Die Jobs der Professoren (20): Dr. Anselmetti


Bielefeld (sas). Schon als Schüler hat sich Dario Anselmetti Geld hinzuverdient. Und als Student war es für den Physikprofessor, der seit fünf Jahren an der Uni Bielefeld im Bereich der Experimentellen Biophysik lehrt und forscht, selbstverständlich, seinen Lebensunterhalt selbst zu verdienen.
»Als Schüler hatte ich mehrere Jobs: Ich habe Zeitungen ausgetragen, in den Ferien bei Hoffmann LaRoche die interne Post verteilt, und ich habe auf dem Bau gearbeitet«, erzählt er. Sechs Wochen lang ist er »bei Wind und Wetter« auf einem Gerüst herumgeturnt und hat Handlangerarbeiten geleistet. »Danach wusste ich, dass ich das nicht machen wollte.«
Während seines Studiums in den 80er Jahren in seiner Heimatstadt Basel hat Anselmetti dann den Lehrerberuf getestet. »Ich habe an der Schule Vertretungsunterricht erteilt.« In der Schweiz, erläutert der Physiker, sei das möglich: die Schulleiter haben einen Topf, aus dem sie Aushilfskräfte bezahlen können. »Und weil in der Schweiz alle wehrfähigen Männer zwischen 20 und 40 einmal im Jahr für drei Wochen zum Militär müssen, gab es viele Möglichkeiten, einzuspringen.«
So kam es, dass Dario Anselmetti als Student seinen alten Mathe- und Physiklehrer ersetzte und bereits ein Jahr nach dem Abitur in der Oberstufe Physik unterrichtete. »Man glaubt gar nicht, wie gut junge Studenten sein können.« Immerhin erkannte er nach dieser Tätigkeit als Aushilfslehrer, dass auch dieser Beruf nicht fürs Leben taugte. »Ich wollte nicht den ganzen Tag nur Oberstufenstoff vermitteln, ich wollte spannende Experimente und mich am Rande des Machbaren bewegen.« Sein Faible dafür, junge Menschen für sein Fach zu begeistern, ist aber geblieben: Anselmetti hat das Mitmachlabor für Schüler an der Physikfakultät angestoßen.
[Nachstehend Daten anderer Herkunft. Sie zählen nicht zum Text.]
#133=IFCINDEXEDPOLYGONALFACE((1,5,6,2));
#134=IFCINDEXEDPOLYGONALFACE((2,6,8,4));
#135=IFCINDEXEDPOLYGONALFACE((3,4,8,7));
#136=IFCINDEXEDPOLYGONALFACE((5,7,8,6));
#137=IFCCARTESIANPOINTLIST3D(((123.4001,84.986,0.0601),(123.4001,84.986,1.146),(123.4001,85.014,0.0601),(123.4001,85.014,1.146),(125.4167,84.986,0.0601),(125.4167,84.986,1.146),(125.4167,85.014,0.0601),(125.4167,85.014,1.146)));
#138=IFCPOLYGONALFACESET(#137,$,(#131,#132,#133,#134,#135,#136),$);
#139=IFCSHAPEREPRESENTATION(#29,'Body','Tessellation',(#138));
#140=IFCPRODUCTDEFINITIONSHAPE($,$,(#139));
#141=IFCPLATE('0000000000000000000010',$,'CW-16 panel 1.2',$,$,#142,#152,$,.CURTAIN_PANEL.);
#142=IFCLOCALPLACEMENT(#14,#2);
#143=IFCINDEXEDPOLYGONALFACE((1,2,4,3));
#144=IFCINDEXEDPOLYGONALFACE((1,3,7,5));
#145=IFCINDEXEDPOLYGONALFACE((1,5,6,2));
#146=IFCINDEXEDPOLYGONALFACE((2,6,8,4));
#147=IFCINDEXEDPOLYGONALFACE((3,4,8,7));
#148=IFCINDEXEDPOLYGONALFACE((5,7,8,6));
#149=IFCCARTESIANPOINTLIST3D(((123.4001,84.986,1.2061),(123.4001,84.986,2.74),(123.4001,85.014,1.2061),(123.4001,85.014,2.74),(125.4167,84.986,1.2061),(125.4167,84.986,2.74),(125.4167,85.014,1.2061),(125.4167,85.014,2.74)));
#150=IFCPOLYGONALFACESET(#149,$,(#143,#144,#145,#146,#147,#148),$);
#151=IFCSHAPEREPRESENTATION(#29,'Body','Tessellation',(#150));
Neben seiner Lehrertätigkeit hat der damalige Physikstudent am Wochenende für einen Sicherheitsdienst gearbeitet: Er wurde in eine Uniform gesteckt (»Die war einfach häßlich!«), erhielt ein Fahrrad oder Moped und musste in Basel verschiedene Unternehmen - Banken, Versicherungen oder Computerfirmen - kontrolllieren. »Dabei ging es nicht nur darum, einen Einbruch zu verhindern oder zu überprüfen, ob alles in Ordnung war, sondern auch zu kontrollieren, ob es brannte oder Wasserschäden gab.«
Und so richtig Geld verdient, erzählt er, habe er während seiner Promotionszeit: Da hatte er eine Stelle an der Uni Basel, die es erlaubte, aus der Wohngemeinschaft auszuziehen und sich mit seiner damaligen Freundin (und heutigen Ehefrau) eine Wohnung zu nehmen.